‘António Um Dois Três’, de Leonardo Moramateus

Por Fernando Oriente

Uma crítica sobre um belo filme brasileiro selecionado para o Festival de Roterdã 2017. Além de ‘António Um Dois Três’, o Brasil conta com mais um ótimo filme na seleção do festival holandês desse ano: ‘Arábia’, de Affonso Uchoa e João Dumans, filme que confirma o talento de Uchoa após o excelente ‘A Vizinhança do Tigre’ e que ao mesmo tempo mostra o diretor, dessa vez ao lado de Dumans, expandindo seu repertório fílmico – sem abandonar suas melhores características – e se dando muito bem. Em função de duas fraturas no ombro, duas cirurgias e a consequente imobilização de um dos braços desse crítico que aqui escreve, a análise de ‘Arábia’ será escrita e publicada em breve.

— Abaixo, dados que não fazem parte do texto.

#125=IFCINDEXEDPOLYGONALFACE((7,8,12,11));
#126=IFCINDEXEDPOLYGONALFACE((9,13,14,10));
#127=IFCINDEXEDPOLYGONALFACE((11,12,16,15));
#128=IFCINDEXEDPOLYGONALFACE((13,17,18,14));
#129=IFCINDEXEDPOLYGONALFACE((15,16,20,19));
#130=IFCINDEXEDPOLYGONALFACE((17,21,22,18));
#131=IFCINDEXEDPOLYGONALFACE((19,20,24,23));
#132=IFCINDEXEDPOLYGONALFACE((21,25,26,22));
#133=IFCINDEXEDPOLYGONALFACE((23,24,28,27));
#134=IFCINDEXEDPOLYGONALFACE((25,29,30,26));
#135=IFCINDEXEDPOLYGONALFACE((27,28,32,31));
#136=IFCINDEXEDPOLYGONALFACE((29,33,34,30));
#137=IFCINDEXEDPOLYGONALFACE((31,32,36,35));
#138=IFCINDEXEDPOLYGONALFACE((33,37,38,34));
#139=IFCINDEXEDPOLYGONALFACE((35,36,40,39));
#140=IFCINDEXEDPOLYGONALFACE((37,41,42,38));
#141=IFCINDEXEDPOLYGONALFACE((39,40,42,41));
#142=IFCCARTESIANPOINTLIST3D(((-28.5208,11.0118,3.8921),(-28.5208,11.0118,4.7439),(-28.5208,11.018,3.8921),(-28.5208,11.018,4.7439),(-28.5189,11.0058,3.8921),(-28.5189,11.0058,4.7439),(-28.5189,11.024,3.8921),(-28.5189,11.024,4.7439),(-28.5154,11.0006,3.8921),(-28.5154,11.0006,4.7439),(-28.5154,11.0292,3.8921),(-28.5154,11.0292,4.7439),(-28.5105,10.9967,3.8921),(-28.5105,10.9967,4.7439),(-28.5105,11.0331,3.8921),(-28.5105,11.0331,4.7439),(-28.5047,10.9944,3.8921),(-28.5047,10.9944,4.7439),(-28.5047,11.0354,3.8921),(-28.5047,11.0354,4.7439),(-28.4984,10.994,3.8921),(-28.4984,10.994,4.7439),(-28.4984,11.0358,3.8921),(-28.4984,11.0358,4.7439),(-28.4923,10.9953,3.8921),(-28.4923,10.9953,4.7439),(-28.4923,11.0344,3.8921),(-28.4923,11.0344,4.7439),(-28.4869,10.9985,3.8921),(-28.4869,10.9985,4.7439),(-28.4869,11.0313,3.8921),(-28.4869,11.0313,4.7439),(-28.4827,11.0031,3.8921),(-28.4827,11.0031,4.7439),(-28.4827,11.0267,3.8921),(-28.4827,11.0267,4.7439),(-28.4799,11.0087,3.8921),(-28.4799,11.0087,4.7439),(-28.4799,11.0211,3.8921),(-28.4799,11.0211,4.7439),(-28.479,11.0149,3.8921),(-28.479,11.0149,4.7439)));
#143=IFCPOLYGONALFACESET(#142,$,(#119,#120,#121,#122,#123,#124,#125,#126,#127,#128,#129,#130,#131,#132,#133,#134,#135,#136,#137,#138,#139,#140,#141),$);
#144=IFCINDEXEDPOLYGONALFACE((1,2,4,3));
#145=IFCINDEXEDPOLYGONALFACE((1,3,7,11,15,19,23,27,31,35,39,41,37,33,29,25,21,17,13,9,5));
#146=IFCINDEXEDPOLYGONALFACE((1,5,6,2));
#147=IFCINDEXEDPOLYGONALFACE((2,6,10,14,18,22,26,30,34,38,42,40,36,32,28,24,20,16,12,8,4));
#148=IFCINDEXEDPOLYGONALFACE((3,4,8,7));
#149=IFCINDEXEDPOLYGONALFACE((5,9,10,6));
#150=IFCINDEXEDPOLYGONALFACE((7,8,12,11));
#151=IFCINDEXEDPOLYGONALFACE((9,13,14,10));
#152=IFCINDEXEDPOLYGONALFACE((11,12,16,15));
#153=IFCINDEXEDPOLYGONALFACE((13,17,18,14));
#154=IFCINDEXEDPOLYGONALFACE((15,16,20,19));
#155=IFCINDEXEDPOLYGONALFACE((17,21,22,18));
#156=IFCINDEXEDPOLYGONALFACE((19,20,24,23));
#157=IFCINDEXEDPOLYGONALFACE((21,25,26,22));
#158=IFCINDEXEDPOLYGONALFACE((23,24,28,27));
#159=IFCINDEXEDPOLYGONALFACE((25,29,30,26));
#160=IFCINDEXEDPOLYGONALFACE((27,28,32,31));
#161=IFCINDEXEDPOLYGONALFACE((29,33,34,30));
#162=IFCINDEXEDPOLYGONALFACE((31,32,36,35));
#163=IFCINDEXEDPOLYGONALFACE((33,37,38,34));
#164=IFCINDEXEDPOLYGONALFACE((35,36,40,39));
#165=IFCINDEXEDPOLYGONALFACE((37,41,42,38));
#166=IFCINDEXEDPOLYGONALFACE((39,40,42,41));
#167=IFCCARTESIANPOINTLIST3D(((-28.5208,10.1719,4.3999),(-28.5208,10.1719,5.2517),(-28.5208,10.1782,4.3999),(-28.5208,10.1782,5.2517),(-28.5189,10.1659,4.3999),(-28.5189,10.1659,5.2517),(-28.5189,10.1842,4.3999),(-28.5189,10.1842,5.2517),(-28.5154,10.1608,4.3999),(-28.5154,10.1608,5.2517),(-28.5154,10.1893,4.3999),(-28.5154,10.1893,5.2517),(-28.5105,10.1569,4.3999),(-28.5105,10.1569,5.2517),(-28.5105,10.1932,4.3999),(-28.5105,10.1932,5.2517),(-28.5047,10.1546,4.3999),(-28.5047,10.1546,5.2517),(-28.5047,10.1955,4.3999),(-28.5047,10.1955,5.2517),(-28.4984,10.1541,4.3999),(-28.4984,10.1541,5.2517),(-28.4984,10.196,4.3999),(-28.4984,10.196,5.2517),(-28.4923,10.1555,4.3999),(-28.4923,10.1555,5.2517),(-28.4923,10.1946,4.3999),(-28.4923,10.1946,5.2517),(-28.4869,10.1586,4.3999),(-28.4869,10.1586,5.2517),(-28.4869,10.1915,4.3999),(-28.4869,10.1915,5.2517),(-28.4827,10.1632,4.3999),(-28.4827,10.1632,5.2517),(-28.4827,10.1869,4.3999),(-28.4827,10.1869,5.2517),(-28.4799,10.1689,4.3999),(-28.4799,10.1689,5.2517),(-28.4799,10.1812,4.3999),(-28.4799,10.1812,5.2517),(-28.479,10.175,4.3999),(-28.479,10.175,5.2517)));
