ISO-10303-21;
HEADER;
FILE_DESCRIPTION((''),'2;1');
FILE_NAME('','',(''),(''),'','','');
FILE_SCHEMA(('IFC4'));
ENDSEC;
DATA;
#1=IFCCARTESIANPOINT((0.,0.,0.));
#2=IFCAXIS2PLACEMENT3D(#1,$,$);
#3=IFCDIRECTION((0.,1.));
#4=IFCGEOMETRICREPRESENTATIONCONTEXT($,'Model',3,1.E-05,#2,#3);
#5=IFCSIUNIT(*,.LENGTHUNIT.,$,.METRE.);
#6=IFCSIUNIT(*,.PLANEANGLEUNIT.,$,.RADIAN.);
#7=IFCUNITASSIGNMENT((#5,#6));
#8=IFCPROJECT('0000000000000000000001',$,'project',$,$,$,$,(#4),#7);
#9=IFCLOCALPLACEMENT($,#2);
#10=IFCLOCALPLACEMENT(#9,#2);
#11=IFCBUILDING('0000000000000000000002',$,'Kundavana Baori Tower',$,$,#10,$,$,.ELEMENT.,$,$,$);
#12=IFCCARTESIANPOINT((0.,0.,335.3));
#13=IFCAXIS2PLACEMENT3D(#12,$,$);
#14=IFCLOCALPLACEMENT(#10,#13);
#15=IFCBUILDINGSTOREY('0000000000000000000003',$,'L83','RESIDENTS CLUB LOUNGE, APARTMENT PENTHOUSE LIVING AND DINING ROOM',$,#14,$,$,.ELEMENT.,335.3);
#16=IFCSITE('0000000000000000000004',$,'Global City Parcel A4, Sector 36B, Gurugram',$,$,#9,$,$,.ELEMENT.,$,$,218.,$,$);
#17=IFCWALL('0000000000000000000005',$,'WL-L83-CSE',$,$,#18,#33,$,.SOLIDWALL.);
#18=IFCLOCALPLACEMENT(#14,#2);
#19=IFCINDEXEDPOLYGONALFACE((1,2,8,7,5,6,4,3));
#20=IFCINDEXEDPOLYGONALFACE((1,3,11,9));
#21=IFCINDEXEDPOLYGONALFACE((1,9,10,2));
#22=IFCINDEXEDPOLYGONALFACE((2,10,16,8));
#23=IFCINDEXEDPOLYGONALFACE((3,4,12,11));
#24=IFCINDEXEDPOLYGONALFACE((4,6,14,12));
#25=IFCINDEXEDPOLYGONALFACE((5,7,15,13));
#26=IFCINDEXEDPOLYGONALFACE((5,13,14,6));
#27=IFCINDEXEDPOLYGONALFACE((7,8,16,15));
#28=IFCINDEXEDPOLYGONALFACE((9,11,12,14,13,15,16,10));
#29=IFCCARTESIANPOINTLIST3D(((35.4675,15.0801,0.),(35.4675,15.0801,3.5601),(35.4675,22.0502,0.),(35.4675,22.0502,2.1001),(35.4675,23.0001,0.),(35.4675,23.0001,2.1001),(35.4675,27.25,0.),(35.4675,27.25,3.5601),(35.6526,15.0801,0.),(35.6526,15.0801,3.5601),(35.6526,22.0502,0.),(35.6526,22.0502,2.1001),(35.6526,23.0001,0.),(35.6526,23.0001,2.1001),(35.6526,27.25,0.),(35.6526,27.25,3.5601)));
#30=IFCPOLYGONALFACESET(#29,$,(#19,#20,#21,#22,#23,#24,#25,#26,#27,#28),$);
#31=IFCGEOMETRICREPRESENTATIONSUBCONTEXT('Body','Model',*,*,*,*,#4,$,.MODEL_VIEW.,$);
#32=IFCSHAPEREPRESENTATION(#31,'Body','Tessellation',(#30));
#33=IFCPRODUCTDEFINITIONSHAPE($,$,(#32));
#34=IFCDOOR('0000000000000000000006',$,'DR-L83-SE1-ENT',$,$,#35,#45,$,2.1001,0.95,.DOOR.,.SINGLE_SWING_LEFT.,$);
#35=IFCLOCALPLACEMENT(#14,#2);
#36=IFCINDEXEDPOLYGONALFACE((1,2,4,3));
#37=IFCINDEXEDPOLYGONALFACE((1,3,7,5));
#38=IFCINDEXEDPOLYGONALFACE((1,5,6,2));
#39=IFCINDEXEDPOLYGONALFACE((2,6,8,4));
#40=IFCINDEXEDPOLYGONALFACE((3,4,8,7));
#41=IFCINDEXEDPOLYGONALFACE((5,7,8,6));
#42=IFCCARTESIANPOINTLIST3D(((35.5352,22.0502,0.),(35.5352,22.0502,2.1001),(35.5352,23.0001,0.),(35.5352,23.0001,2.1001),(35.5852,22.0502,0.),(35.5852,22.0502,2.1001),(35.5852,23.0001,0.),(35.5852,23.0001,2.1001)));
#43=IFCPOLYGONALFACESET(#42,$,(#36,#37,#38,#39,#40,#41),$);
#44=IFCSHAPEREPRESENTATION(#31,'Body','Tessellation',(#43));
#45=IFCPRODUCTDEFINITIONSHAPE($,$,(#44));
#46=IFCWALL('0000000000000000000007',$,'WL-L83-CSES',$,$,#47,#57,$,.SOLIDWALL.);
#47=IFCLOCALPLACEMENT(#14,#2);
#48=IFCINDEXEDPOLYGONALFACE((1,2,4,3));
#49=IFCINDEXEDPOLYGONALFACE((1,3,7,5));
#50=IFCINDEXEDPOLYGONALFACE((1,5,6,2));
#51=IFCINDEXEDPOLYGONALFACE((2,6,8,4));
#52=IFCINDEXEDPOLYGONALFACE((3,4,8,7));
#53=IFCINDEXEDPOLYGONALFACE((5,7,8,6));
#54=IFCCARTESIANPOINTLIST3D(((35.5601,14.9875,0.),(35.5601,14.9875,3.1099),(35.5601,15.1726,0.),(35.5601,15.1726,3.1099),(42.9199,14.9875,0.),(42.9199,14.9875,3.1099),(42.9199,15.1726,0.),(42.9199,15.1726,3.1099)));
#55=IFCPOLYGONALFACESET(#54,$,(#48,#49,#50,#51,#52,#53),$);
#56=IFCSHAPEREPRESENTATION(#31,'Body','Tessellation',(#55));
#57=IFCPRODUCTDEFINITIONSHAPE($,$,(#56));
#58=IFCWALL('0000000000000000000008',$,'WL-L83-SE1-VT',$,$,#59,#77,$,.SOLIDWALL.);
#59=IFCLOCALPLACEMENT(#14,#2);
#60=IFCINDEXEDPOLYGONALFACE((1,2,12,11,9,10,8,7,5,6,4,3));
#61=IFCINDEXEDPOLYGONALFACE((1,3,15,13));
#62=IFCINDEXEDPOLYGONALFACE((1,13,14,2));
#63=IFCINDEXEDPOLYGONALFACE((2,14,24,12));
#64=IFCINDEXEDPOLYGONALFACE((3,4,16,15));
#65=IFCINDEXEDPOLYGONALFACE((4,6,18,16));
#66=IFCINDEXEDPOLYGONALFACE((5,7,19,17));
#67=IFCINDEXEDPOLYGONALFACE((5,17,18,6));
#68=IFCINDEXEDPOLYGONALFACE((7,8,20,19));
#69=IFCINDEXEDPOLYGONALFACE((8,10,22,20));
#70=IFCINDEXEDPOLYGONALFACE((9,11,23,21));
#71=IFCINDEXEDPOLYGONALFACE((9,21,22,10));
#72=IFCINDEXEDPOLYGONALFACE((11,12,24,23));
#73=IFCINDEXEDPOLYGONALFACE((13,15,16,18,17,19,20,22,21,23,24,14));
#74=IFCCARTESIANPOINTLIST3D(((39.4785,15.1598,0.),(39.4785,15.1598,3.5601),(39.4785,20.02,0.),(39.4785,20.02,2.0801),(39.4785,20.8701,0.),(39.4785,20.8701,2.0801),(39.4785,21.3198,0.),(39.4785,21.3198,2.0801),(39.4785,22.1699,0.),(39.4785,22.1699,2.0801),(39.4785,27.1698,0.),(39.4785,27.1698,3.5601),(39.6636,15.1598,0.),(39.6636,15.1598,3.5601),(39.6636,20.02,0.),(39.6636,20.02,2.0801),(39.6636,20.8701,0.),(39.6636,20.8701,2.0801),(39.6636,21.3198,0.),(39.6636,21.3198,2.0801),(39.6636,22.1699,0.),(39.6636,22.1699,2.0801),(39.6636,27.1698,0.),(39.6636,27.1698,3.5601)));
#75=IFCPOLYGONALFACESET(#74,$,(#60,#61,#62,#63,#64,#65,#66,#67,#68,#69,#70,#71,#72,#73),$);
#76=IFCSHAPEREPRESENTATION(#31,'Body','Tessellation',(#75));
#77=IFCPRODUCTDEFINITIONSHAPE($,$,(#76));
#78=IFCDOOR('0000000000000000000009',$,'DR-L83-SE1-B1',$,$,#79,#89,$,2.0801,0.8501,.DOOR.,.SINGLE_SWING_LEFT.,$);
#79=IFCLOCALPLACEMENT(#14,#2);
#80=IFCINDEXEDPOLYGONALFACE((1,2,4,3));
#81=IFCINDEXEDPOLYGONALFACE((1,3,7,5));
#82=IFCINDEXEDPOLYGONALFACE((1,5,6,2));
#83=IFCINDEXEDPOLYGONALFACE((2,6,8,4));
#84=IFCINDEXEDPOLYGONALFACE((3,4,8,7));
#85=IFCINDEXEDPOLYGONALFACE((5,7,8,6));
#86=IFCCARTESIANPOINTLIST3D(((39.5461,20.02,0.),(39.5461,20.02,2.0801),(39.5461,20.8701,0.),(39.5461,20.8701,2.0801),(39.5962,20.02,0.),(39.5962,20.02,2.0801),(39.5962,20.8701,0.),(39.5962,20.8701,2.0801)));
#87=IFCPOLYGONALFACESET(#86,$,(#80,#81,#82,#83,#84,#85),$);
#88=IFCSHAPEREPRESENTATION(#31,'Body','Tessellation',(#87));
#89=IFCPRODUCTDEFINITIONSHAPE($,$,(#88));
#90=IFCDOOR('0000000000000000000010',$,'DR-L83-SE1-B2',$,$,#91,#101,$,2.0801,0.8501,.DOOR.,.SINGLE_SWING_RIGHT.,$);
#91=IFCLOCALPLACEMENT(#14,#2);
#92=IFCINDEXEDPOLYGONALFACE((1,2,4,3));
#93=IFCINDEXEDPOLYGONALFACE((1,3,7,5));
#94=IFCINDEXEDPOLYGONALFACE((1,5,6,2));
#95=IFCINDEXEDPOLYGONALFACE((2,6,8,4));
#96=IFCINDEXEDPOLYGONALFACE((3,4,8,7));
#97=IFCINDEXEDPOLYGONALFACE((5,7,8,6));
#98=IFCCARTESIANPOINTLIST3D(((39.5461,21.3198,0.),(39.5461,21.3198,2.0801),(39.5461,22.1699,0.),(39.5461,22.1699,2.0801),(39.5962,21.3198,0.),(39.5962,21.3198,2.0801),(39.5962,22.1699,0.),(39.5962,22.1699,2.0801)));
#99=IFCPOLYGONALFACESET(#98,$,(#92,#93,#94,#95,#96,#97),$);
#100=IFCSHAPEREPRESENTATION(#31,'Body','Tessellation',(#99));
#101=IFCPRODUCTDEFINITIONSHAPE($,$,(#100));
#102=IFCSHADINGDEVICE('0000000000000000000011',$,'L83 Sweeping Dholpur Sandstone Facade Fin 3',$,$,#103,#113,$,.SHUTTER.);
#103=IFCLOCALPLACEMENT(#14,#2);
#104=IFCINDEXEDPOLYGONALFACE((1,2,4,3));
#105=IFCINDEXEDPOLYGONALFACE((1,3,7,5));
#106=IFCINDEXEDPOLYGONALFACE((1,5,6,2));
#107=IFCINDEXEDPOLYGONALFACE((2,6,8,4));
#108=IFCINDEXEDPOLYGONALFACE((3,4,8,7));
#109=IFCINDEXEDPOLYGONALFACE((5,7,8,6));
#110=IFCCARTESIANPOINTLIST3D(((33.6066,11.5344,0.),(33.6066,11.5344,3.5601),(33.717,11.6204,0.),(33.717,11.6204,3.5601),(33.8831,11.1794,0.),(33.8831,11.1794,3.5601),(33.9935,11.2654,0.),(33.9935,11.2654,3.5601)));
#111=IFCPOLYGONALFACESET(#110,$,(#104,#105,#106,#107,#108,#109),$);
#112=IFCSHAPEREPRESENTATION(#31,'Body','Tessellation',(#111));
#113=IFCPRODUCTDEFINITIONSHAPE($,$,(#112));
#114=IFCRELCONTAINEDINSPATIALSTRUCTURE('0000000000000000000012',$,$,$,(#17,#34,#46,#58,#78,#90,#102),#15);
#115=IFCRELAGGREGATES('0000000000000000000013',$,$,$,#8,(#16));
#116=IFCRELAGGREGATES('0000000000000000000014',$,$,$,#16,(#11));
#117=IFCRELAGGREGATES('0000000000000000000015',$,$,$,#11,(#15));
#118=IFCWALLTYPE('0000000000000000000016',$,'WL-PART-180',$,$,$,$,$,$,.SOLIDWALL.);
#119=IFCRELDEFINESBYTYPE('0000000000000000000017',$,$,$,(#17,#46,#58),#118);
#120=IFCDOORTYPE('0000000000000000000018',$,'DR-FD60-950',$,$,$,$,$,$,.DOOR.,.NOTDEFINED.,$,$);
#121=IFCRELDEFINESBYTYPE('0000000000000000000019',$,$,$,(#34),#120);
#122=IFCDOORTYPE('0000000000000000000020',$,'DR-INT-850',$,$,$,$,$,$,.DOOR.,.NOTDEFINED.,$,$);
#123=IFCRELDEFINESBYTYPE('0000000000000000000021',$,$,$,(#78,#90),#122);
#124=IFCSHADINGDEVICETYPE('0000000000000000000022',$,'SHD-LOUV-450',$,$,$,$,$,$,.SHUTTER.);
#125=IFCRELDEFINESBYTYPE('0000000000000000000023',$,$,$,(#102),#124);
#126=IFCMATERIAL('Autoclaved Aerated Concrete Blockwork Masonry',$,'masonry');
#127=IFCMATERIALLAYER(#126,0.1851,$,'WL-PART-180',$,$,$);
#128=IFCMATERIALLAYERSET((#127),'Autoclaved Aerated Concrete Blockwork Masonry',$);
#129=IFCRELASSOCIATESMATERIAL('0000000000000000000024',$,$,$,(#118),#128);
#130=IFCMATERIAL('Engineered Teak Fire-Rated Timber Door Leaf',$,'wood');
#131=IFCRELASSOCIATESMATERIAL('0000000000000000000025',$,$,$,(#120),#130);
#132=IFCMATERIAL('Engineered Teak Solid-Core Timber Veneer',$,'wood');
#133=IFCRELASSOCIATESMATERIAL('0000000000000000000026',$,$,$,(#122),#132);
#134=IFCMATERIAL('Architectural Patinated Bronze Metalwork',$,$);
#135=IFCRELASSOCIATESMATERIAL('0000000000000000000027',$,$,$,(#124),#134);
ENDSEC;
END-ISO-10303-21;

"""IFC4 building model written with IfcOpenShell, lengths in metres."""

from ifc_helpers import new_model, si_unit, direction, frame, frame_2d, origin, origin_2d, place, context, subcontext, project, spatial, rectangle, extrude, material, layer, layer_set, type_object, element, fill, save


model = new_model("IFC4")

# Units and contexts
model_context = context("Model", 3, precision=1e-05, world=origin(), true_north=direction((0.0, 1.0)))
body_context = subcontext(model_context, "Body", "Model", "MODEL_VIEW")
ifc_project = project(units=[si_unit("LENGTHUNIT", "METRE"), si_unit("PLANEANGLEUNIT", "RADIAN")], contexts=[model_context])

# Site, building, storey
site_placement = place(None, origin())
site = spatial("IfcSite", under=ifc_project, at=site_placement, Name="Global City Parcel A4, Sector 36B, Gurugram", CompositionType="ELEMENT", RefElevation=218.0)
building_placement = place(site_placement, origin())
building = spatial("IfcBuilding", under=site, at=building_placement, Name="Kundavana Baori Tower", CompositionType="ELEMENT")
storey_placement = place(building_placement, frame((0.0, 0.0, 335.3)))
storey = spatial("IfcBuildingStorey", under=building, at=storey_placement, Name="L83", Description="RESIDENTS CLUB LOUNGE, APARTMENT PENTHOUSE LIVING AND DINING ROOM", CompositionType="ELEMENT", Elevation=335.3)

# Wall, opening, door
ifc_material_1 = material(Name="Autoclaved Aerated Concrete Blockwork Masonry", Category="masonry")
ifc_layer_1 = layer(ifc_material_1, 0.1851, Name="WL-PART-180")
ifc_layer_set_1 = layer_set([ifc_layer_1], Name="Autoclaved Aerated Concrete Blockwork Masonry")
wall_type_1 = type_object("IfcWallType", Name="WL-PART-180", PredefinedType="SOLIDWALL", material=ifc_layer_set_1)
wall_1_placement = place(storey_placement, frame((35.5601, 15.0801, 0.0), z_axis=(0.0, 0.0, 1.0), x_axis=(0.0, 1.0, 0.0)))
wall_1 = element("IfcWall", 1, at=wall_1_placement, inside=storey, type_object=wall_type_1, Name="WL-L83-CSE", PredefinedType="SOLIDWALL", context=body_context, shape_type="SweptSolid", body=[
    extrude(rectangle(XDim=12.1699, YDim=0.1851, at=frame_2d((6.085, 0.0))), origin(), (0.0, 0.0, 1.0), 3.5601),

‘António Um Dois Três’, de Leonardo Moramateus

antonio-um-dois-tresEm seu primeiro longa – o primeiro trabalho realizado pelo diretor fora do Brasil, filmado inteiramente em Lisboa, Leonardo Moramateus parece ter se apegado às diversas qualidades de seus muitos (e bons) curtas e as ter condensado de uma maneira funcional e potente para fazer de ‘António Um Dois Três’ um filme extremamente interessante. Trabalhando em cima das possibilidades de múltiplas representações de seu protagonista, da realidade e de seu entorno. Moramateus divide o longa em três partes e nelas vemos diferentes Antónios: O António um, o António dois e o António três. Mas não são apenas as alterações de personalidade (mas que em momento algum anulam a essência do personagem) e de situações dramáticas que mudam a cada acentuada elipse que une de maneira sólida as três partes do filme. Tudo se altera, desde o papel dos personagens que cercam o protagonista, a realidade de seu cotidiano, as tarefas em que se envolve, as ações de cada um que cruzam seu caminho, os locais aonde mora e a maneira como, a cada nova sequência, sua personalidade vai se consolidando e tornando-se mais segura. Um filme que atinge o vigor como um todo pela força com que cada uma das partes se relaciona entre si, potencializando não só o conjunto, bem como cada sequência e cada plano isoladamente.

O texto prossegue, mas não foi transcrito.